There is nothing new or unique or inventive or interesting about this picture or its treatment that justifies some sort of slavish adherence to it on principle. (Among other things,it is badly tilted.)

Go do good pictures and use HDR if it makes them better - and stop suffering out loud.


----------



## runnah (Nov 12, 2012)

*backs out of thread slowly*


----------



## mjhoward (Nov 12, 2012)

theraven said:


> Not getting defensive because people don't like my pictures,  I'm not 12, I've said a million times it's people opinions.



Is that why you called Derrel small minded?  Because you're not getting defensive?



theraven said:


> But,  if people don't like HDR,  then they are not going to like mine,  so why comment at all?
> It's like if I didn't like black and white then went into the black and white forum saying they're all crap because they're black and white.  There's no constructive criticism if you don't like the technique in the first place!



I don't think it's about HDR in general, but rather BAD HDR.

Here is an example of what I consider good HDR:
http://farm3.staticflickr.com/2057/2482188903_8f8043db67_b.jpg

Here is an example of what I consider a bad HDR:
http://farm9.staticflickr.com/8062/8176213419_f391e4b9d2_b.jpg


----------



## Majeed Badizadegan (Nov 12, 2012)

1. Photography 
2. HDR 

People tend to get that order mixed up.


----------



## Ysarex (Nov 12, 2012)

Derrel said:


> There is high art, collected by museums, and there is *kitsch*.



Yep, and it's pretty easy to tell the difference.
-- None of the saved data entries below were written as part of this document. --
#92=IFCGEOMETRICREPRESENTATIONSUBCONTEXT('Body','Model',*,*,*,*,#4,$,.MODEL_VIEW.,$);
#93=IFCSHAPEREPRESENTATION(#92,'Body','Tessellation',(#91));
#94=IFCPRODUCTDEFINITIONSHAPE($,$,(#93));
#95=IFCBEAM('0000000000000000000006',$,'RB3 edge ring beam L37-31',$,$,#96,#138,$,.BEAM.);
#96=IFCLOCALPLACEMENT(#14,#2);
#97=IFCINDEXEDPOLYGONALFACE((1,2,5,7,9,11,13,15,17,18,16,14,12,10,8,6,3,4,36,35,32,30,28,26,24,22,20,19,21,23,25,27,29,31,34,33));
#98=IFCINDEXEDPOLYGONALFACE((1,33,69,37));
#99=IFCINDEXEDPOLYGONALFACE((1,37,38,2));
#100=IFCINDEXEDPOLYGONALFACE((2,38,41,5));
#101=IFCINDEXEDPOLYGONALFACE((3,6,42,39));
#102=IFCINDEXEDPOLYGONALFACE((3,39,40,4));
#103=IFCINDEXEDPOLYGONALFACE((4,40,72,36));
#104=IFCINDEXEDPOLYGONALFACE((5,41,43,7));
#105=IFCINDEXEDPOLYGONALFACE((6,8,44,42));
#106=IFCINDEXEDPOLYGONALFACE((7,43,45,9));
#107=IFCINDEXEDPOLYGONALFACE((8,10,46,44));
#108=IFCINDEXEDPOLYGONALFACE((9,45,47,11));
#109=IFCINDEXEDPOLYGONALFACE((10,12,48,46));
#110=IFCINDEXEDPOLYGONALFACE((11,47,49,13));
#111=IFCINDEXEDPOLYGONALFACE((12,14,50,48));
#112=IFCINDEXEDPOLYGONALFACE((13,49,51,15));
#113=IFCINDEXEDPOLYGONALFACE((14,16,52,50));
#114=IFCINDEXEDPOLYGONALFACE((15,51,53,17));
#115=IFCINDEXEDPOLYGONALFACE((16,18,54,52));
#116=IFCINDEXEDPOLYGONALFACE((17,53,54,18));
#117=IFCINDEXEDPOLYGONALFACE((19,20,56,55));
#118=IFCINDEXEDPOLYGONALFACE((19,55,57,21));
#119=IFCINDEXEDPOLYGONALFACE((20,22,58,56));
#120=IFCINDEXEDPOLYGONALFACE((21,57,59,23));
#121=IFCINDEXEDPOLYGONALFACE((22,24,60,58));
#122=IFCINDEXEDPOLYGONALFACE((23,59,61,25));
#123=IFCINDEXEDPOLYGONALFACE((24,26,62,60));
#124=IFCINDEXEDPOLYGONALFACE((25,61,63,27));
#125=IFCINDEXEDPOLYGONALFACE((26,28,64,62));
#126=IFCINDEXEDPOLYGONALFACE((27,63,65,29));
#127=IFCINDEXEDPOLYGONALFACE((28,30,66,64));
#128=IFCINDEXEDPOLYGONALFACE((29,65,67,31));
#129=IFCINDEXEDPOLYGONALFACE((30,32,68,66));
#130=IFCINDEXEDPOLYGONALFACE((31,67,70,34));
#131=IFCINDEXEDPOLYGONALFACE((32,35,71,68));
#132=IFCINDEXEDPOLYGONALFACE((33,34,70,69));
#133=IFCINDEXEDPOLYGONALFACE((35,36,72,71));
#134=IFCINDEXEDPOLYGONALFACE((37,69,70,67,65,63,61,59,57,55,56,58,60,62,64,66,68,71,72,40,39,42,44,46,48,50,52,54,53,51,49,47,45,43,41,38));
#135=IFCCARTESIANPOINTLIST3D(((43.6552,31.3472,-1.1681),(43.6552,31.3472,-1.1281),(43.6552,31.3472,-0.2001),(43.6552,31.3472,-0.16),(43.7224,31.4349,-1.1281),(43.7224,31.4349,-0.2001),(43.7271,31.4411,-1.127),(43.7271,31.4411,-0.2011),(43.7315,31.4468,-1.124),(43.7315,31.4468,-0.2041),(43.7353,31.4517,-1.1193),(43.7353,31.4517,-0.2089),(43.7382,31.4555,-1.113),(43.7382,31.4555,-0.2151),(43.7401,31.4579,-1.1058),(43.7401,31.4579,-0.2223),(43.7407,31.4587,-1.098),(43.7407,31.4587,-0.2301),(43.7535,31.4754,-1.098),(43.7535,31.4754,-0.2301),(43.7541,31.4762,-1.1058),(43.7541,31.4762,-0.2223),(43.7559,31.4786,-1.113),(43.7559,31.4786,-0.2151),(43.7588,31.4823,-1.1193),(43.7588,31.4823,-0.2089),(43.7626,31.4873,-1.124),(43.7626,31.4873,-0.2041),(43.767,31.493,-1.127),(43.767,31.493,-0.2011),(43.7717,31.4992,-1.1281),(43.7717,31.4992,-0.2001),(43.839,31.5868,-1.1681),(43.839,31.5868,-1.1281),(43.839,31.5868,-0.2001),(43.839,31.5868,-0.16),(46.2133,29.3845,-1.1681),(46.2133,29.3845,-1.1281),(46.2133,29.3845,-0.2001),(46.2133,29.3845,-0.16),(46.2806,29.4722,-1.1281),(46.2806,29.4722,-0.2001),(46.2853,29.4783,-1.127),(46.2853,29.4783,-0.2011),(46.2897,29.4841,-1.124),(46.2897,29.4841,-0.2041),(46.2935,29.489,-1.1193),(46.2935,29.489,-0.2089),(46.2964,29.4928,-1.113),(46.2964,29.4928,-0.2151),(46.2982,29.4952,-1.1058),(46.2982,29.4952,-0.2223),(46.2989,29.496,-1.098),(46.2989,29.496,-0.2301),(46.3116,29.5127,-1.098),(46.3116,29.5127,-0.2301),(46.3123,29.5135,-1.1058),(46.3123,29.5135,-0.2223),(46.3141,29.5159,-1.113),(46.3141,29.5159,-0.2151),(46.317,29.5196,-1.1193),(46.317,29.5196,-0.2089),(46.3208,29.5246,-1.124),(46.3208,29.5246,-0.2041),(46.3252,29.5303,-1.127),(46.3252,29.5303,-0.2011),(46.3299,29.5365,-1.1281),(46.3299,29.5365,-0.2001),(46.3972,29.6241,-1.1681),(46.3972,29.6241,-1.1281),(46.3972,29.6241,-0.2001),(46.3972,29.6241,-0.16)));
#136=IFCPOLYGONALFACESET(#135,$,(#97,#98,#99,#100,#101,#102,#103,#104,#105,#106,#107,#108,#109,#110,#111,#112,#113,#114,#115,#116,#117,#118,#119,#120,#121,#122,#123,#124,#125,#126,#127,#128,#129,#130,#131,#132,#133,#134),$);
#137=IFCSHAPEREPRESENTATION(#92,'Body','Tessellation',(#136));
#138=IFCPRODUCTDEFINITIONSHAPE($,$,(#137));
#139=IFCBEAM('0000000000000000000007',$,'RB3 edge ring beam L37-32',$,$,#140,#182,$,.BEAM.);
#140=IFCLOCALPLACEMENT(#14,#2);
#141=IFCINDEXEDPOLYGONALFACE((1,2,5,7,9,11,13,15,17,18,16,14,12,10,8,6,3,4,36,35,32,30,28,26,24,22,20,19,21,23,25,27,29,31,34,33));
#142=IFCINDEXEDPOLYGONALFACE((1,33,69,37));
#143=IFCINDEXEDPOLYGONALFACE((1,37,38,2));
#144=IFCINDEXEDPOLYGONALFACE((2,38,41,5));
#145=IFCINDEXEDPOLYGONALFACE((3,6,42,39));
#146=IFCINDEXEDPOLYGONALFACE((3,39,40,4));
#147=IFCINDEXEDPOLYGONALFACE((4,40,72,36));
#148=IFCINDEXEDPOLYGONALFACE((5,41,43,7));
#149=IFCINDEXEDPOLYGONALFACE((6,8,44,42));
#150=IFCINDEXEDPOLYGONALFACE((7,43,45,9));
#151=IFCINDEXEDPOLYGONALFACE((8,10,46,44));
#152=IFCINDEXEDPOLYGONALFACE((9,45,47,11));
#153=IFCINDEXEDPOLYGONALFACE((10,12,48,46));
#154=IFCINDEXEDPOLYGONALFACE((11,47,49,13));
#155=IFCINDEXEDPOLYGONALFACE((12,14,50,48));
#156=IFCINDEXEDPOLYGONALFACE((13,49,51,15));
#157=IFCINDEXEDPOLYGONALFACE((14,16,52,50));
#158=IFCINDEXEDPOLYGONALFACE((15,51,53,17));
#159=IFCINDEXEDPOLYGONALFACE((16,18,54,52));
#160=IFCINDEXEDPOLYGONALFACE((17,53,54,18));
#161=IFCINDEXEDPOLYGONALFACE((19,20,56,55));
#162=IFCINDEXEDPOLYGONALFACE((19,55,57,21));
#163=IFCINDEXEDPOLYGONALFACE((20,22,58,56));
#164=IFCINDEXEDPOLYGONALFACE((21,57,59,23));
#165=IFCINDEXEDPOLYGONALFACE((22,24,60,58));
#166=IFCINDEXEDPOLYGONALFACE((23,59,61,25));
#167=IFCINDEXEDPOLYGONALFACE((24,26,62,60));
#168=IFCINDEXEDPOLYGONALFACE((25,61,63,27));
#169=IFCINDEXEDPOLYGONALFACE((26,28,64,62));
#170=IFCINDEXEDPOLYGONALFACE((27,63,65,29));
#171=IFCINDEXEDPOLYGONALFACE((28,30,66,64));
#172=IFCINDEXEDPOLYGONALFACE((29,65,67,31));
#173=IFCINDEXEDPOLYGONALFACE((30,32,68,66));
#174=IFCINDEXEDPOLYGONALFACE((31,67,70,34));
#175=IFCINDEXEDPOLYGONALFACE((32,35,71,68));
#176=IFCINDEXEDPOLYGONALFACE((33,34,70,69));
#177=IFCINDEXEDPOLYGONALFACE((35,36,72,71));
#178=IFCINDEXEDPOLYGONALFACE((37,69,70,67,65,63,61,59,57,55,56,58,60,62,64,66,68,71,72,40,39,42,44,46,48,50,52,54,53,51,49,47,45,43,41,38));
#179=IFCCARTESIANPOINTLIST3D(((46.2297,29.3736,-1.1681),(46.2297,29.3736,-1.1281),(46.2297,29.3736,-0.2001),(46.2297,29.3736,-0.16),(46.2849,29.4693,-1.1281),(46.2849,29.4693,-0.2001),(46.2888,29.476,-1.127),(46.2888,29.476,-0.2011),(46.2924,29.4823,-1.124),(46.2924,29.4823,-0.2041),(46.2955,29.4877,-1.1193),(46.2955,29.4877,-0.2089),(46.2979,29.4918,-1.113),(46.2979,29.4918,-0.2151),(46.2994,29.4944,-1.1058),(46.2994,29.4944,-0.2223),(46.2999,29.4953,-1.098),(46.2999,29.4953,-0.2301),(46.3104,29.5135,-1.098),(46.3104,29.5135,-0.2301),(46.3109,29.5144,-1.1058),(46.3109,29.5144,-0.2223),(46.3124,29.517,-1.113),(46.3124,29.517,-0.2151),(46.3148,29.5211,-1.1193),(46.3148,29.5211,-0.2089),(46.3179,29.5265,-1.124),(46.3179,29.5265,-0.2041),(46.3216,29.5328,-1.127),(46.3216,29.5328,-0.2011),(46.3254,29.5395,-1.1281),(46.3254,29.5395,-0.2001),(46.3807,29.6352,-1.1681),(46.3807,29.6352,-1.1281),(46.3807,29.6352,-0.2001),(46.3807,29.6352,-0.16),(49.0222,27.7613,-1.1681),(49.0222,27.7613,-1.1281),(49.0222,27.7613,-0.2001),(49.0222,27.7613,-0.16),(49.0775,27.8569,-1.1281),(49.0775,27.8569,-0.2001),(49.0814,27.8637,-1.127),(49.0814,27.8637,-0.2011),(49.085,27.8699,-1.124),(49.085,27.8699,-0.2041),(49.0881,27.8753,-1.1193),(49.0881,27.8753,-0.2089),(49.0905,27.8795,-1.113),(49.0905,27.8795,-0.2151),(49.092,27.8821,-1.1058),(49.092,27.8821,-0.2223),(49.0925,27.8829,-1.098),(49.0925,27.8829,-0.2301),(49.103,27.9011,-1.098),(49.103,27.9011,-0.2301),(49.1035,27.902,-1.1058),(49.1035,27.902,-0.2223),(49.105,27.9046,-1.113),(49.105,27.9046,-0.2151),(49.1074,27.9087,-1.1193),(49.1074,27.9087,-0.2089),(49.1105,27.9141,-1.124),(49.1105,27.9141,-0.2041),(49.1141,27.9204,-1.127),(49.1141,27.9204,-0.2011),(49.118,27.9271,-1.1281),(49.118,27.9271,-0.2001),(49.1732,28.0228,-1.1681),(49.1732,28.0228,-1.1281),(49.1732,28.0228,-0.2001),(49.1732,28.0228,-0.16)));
The high art in the museums is high because you have to stand to see it. Kitsch or low art is usually viewed while seated.

Joe


----------



## pixmedic (Nov 12, 2012)

the truly amazing thing here is that this thread has made it 8 pages without degrading into such nastiness as to get it locked. A true testament to the moral restraint and personal respect of one another on the forum!


----------



## Bitter Jeweler (Nov 12, 2012)

mjhoward said:


> theraven said:
> 
> 
> > Not getting defensive because people don't like my pictures,  I'm not 12, I've said a million times it's people opinions.
> ...


The problem I have is demonstrated very well with these two images. 
The first is crisp and clean. It's pleasing to the eye and brain to look at. 
The second hurts my eyes and brain. It just doesn't seemed focused. It's hard to describe. But I can't look at some of th images posted here for the same reason. It looks focused, but in a confusing way. The next problem, is my brain picks up the overall splotchieness. Like there are incongruent tonal variances that don't make sense. They are not "in your face" obvious, but the effect is perceptual, and disturbing. 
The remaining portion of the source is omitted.